Thursday, November 9th, 2006

DeRo interview with John Legend

From Sunday's Sun-Times:

When it feels right to me, when I feel proud of every line in the song, when I don't feel like I'm getting bored or I didn't say the right thing or I took the easy way out on the lyrics — that's when I know I've written a good song. Some things just sound so beautiful that it seems transcendent to me, and Show Me is one of the songs that feels like that. …

Show Me really just came in one burst — a night, or maybe a night and a half. You can't overthink these things, and you know from the basic groove and the basic chorus whether or not the song is right. That's the beginning. If it doesn't have those things, then it's not going to be a great song, no matter how profound the lyrics are or whatever else. With Show Me, as soon as I got that, then I knew it was going to feel good."

Full story.

Monday, September 4th, 2006

I need to watch more Sesame Street

We all do, really. Or work less. From JohnLegend.com: "Be sure to catch John Legend's visit to Sesame Street! John will perform 'It Feels Good When You Sing a Song' with Hoot the owl! Show airs Monday, August 14 @ 7AM on PBS…"

Sunday, August 6th, 2006

New song from John Legend

Here. Save Room, off the fall album Once Again.

I like it. The louder and funkier parts don't come across well in these miked one-eared headphones meant for a telephone, but the song overall has this great listenability that's got me excited for the album.

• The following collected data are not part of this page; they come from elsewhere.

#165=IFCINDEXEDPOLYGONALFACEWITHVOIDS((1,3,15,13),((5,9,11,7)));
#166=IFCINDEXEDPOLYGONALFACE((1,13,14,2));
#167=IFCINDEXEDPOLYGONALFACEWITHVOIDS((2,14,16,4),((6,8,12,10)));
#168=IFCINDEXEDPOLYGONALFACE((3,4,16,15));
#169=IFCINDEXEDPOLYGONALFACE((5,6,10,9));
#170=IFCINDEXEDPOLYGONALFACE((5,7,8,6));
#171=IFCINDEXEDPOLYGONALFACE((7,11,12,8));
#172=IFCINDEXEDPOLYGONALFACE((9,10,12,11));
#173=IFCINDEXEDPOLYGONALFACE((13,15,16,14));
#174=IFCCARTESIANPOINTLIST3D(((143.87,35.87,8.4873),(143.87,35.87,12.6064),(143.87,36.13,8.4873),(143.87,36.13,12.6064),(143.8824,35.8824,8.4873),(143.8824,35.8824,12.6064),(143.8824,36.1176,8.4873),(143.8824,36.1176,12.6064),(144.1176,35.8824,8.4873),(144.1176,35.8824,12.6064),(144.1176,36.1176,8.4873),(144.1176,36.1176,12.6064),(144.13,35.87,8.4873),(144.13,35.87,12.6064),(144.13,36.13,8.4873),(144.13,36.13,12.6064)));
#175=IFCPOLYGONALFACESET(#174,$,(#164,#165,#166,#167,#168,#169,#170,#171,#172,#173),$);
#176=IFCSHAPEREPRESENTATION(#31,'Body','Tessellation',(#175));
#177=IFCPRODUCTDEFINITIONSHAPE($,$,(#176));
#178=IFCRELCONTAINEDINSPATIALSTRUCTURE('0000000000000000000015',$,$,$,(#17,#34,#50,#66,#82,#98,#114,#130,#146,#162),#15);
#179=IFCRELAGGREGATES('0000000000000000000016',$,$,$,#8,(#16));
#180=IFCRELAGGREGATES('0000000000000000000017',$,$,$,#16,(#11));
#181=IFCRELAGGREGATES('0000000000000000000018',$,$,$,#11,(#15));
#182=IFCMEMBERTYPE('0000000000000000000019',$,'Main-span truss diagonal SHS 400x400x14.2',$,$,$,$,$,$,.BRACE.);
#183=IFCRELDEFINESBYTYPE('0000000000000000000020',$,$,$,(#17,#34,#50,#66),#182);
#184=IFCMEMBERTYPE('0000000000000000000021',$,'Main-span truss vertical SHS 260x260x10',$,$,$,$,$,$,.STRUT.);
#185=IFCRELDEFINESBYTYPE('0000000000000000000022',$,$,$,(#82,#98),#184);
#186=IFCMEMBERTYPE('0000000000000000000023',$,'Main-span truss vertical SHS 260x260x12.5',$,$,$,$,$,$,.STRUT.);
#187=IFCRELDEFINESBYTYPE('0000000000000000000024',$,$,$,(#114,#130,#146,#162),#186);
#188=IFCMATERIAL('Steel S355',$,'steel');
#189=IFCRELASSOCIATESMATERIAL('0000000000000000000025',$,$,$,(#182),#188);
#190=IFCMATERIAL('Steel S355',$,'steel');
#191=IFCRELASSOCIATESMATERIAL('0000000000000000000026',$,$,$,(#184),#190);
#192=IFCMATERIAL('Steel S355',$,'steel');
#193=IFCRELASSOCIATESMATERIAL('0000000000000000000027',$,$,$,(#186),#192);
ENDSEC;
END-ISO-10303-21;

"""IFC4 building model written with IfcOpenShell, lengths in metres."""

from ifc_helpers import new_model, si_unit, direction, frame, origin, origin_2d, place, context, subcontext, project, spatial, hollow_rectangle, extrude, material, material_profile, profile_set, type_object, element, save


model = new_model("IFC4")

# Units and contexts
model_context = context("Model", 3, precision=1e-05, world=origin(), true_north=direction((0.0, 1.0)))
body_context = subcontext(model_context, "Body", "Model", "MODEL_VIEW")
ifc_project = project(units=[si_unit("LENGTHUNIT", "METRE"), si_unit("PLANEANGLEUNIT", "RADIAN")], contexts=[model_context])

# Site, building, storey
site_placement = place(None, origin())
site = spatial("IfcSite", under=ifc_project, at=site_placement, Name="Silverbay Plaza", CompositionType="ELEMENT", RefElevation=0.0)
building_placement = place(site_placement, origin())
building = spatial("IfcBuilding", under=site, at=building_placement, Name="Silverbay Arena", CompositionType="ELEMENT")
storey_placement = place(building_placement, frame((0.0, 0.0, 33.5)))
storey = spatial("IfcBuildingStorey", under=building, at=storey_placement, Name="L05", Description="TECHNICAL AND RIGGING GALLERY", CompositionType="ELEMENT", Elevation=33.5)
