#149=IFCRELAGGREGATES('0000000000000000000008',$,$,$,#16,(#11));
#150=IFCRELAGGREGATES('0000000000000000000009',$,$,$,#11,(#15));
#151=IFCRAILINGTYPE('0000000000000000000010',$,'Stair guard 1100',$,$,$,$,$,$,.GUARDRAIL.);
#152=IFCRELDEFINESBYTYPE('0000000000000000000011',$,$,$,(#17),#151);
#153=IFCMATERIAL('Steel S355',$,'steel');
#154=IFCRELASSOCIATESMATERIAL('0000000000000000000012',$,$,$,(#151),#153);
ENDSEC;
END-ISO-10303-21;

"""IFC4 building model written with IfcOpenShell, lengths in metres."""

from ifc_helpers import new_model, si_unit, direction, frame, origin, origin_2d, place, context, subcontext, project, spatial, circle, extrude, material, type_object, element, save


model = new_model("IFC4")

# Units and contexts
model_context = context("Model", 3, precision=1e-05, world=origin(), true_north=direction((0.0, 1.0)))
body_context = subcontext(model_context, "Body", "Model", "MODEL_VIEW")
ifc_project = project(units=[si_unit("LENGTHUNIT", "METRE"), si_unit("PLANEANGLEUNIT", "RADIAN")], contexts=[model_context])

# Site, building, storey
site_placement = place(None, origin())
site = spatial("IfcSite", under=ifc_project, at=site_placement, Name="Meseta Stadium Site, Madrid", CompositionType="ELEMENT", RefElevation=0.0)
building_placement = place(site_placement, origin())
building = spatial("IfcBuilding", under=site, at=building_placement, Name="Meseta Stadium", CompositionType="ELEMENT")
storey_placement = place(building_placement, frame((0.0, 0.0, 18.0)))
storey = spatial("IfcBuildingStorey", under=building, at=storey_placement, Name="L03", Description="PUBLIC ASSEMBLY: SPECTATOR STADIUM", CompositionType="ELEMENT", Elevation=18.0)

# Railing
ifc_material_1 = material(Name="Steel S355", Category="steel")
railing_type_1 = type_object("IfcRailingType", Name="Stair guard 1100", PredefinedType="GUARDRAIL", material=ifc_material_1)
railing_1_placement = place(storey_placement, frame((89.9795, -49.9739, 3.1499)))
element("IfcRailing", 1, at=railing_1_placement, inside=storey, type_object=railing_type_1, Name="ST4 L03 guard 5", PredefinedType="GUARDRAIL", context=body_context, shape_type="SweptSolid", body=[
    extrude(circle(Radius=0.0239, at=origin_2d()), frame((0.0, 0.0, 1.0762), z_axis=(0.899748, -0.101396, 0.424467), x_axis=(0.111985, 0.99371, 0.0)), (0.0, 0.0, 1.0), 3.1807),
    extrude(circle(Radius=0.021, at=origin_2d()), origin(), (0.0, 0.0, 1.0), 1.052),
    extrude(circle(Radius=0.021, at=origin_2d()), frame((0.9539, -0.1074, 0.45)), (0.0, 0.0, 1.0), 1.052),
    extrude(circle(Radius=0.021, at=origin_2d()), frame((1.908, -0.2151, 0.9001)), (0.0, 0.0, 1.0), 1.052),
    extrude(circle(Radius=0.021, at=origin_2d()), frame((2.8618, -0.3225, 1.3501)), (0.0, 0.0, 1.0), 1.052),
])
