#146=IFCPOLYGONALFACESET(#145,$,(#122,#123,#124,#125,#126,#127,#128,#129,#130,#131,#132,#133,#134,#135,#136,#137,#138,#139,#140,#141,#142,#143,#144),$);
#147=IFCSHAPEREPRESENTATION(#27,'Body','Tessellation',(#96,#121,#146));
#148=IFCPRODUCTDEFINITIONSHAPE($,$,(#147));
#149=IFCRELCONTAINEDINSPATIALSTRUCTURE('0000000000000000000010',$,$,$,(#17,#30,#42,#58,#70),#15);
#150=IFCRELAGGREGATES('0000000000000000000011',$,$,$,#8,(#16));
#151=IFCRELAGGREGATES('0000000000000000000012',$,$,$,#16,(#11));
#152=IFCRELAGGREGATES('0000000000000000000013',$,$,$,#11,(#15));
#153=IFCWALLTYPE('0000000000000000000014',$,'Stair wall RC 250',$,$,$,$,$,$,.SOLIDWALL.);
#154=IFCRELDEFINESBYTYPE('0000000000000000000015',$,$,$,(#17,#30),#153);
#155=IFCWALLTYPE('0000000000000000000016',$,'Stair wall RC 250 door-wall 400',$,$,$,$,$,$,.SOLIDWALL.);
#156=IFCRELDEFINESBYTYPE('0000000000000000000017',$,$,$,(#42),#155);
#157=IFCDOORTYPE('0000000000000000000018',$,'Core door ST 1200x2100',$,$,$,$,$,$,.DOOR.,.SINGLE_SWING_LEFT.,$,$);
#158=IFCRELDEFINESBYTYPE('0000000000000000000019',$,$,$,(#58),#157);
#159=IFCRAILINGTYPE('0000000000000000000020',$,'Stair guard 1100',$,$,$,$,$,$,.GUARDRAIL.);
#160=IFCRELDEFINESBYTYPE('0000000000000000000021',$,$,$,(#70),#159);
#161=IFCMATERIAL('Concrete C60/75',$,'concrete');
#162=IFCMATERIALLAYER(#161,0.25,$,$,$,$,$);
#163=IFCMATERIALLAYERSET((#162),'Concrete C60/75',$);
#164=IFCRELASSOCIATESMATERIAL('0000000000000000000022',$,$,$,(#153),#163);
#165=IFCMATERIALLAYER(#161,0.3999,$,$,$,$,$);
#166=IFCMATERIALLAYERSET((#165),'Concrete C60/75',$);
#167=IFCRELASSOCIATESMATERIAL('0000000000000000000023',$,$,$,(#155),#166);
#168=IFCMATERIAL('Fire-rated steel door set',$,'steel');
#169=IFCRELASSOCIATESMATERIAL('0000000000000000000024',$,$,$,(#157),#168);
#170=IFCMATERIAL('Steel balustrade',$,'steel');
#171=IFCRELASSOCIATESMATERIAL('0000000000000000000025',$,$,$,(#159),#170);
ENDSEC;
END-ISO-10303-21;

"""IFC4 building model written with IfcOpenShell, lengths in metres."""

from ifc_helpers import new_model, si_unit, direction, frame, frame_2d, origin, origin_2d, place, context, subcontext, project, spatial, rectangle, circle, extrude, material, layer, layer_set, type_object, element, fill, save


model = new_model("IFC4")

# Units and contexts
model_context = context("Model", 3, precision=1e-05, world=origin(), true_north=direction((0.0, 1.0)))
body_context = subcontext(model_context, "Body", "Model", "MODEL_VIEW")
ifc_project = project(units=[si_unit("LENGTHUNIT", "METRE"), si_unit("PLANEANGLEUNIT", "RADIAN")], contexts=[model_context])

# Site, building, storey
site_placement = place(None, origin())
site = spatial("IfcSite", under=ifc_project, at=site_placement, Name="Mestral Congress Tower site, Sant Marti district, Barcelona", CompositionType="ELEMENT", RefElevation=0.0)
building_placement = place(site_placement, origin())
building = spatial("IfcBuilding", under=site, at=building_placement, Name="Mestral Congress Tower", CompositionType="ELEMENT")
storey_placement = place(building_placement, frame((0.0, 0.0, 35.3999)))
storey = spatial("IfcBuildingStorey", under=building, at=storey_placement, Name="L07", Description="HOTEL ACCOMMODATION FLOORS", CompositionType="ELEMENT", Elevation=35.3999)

Tuesday, January 18th, 2005

His real name is Stephens

The headline in the Washington Times asks, "Legend in making?" The paper's Tarron Lively attends John Legend's post-release show and enjoys the night. "The high point of the show was his performance of the album's centerpiece Ordinary People, which is making its rounds on urban radio. Accompanied at first only by his own elegant piano playing, Mr. Legend eventually was joined by the band, which closed out the song with a flourish. It was enough to make you wish the studio version had been recorded like that."